Он школу заканчивает, мне еще год. Маршрут после уроков: через садик больницы Эрисмана, на Карповку, улица Литераторов, пара подворотен, профессора Попова, Кировский… Возможно, около Дзержинского сада расстаемся: ему на Лахту, мне чуть обратно, на Чапыгина.
Читает стихи – Маяковского, Пастернака, друзей из ЛИТО, свои.
Дым табачный воздух выел…
О, ангел залгавшийся…
Ястреб, ястреб, ты такая птичка…
Любое любимое стихотворение – его. Никакой ревности. Тысячу раз я слышал потом эту озвученную радость. “Мне поручили охранять сарай, а был сарай, как водится, сырой…”. Аллитерации в моде. Лев если не рычит, то гудит. И снова: “Ястреб, ястреб, ты такая птичка,/ по сравнению с бомбардировщиком,/ затмевающим собою небо…” Вот это: “…па-а сра-а-вне-е-нию с ба-а-амба-а-ардировщиком…”
Открытая улыбка. Безобидность и безобидчивость.
Через 40 лет – “Сад Дзержинского”:
В этой точке и началась прямая.
Все было ярко, выпукло, единственно и вокруг.
2.
Учимся в ЛЭТИ, то есть кружим по Петроградской.
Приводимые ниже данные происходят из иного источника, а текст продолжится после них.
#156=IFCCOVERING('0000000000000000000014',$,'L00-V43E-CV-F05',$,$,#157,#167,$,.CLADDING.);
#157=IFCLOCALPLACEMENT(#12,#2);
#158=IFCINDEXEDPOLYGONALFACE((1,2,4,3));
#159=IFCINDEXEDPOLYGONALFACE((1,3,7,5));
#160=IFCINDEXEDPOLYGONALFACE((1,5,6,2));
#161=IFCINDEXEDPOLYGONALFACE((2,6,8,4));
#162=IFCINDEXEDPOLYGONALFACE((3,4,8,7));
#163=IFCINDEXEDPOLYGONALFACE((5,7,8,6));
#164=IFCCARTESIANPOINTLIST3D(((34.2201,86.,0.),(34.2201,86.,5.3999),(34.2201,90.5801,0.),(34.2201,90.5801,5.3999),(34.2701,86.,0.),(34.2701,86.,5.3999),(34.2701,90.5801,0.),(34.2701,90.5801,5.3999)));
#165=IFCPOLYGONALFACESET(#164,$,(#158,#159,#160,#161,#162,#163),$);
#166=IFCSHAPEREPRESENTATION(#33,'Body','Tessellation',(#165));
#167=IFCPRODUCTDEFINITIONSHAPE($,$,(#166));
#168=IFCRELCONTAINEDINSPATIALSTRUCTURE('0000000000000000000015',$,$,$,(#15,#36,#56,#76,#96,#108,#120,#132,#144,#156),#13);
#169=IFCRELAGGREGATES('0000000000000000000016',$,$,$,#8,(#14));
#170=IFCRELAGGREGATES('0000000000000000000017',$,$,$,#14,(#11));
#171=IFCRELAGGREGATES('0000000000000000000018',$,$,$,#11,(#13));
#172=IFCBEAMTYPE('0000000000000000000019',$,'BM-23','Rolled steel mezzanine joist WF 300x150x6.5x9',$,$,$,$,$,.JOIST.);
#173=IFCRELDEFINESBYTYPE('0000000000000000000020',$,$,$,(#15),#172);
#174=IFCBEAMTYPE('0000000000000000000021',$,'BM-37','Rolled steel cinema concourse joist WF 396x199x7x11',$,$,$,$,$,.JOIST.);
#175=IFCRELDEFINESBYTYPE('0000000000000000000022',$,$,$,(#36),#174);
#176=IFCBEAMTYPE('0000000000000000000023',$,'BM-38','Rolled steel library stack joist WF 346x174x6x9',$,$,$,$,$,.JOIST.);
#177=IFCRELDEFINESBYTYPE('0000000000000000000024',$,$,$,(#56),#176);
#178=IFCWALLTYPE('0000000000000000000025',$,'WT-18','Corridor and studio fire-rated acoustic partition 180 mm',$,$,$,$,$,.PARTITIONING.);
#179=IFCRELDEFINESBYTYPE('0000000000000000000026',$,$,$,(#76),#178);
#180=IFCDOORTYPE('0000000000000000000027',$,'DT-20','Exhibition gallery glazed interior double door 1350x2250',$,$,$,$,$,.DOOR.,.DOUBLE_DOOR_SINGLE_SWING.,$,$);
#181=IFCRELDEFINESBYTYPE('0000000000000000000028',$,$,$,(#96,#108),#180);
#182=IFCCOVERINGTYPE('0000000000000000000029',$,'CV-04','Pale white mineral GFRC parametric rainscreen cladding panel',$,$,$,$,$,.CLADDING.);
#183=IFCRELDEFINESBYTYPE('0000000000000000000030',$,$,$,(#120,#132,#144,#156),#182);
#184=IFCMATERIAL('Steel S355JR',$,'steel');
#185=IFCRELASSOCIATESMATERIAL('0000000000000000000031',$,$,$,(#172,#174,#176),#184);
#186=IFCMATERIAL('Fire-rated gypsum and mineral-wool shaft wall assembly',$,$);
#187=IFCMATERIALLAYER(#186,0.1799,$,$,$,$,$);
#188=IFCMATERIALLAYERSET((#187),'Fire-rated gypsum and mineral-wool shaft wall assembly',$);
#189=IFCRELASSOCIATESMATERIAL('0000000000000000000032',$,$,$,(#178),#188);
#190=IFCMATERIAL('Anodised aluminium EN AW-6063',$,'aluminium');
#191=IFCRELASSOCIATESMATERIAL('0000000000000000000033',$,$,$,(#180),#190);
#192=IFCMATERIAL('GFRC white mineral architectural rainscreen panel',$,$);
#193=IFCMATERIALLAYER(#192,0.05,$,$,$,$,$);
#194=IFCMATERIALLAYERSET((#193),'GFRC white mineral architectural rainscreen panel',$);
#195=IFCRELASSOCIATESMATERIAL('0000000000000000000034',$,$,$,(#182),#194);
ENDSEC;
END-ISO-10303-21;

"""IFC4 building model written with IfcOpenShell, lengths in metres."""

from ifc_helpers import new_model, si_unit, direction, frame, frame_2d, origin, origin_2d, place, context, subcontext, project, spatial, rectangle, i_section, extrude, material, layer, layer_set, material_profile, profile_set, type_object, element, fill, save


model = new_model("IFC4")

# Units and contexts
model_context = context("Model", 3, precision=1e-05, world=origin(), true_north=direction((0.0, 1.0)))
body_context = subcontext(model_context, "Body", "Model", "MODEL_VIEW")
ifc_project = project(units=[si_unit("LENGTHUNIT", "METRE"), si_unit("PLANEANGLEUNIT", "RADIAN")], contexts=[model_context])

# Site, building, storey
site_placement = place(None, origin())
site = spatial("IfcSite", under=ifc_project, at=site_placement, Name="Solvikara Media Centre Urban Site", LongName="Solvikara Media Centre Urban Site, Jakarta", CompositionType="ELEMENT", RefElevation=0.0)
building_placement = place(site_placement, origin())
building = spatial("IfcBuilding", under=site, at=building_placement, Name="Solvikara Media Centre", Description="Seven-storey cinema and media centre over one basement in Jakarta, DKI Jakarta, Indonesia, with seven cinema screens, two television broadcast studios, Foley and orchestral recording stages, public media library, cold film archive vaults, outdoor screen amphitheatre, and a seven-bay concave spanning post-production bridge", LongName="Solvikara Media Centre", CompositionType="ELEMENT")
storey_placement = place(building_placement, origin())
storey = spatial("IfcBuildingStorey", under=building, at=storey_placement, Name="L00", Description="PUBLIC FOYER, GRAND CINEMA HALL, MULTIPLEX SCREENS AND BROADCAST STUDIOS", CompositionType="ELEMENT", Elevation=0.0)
Первые публикации в институтской газете “Электрик”. “А в старину звалась ты Натали…”, – Лев безответно влюблен в Н. С друзьями из ЛИТО – самиздатский сборник “Шпалы”. Скромная идея своей подсобной роли: по этим шпалам придет кто-то воистину великий.
Шпалы мелькают по дороге домой, на Лахту. Там единственная мать единственного сына, Ева Львовна. “Полковник Айзенштат лежит в гробу…” – начало стихотворения об отце, которого не помнит, умер вскоре после войны, вероятно, в начале 50-х.
Литературный псевдоним “Дановский” придет позже. Как и осознание того, что печатать все равно не будут. Страна, где произнося свою фамилию, можно покраснеть от стыда за тех, кому она не по нутру, а услышав – вздрогнуть, как будто вызывают не к доске, а к стенке.
Пивной бар “Пушкарь” на Пушкарской, Дзержинский сад, двор на Чапыгина, непрерывный “Беломор”. Прощаемся. Мягкая ладонь.
Через много лет стихи памяти Н.:
…А потом, за общим уже столом,
поминальным, я подумал о том,
что не в губы, а в лоб целовать пришлось…
3.
Последняя электричка, мать волнуется. То ли звонить, что остается у кого-то из друзей, то ли поспевать. Зависит от количества выпитого, от предмета ухаживания – обнадеживающего или безнадежного. Наконец, от того, есть ли койко-место. “Однажды проснуться на даче, веранде чужой,/ с трудом разобрав, что находишься в Новых Ижорах./ Вчерашний поступок, он как-нибудь связан с душой?/ Не знаю, не знаю, не думаю, слушаю шорох.”
Вот-вот появится Валерий Черешня, переехавший из Одессы в Ленинград, и ночевка в городе станет доступней, – друг первые (долгие) годы снимает комнаты (Васильевский, Смольный пр.), в тесноте но не в обиде.
Образуется “треугольник”. Удивительное свойство дружеского союза, отличающее его от всех прочих, – свобода каждого не умаляется, но умножается. В данном случае – на три. Равносторонний треугольник без единого угла.
Последняя электричка, Лев готовится к прыжку, возвращение.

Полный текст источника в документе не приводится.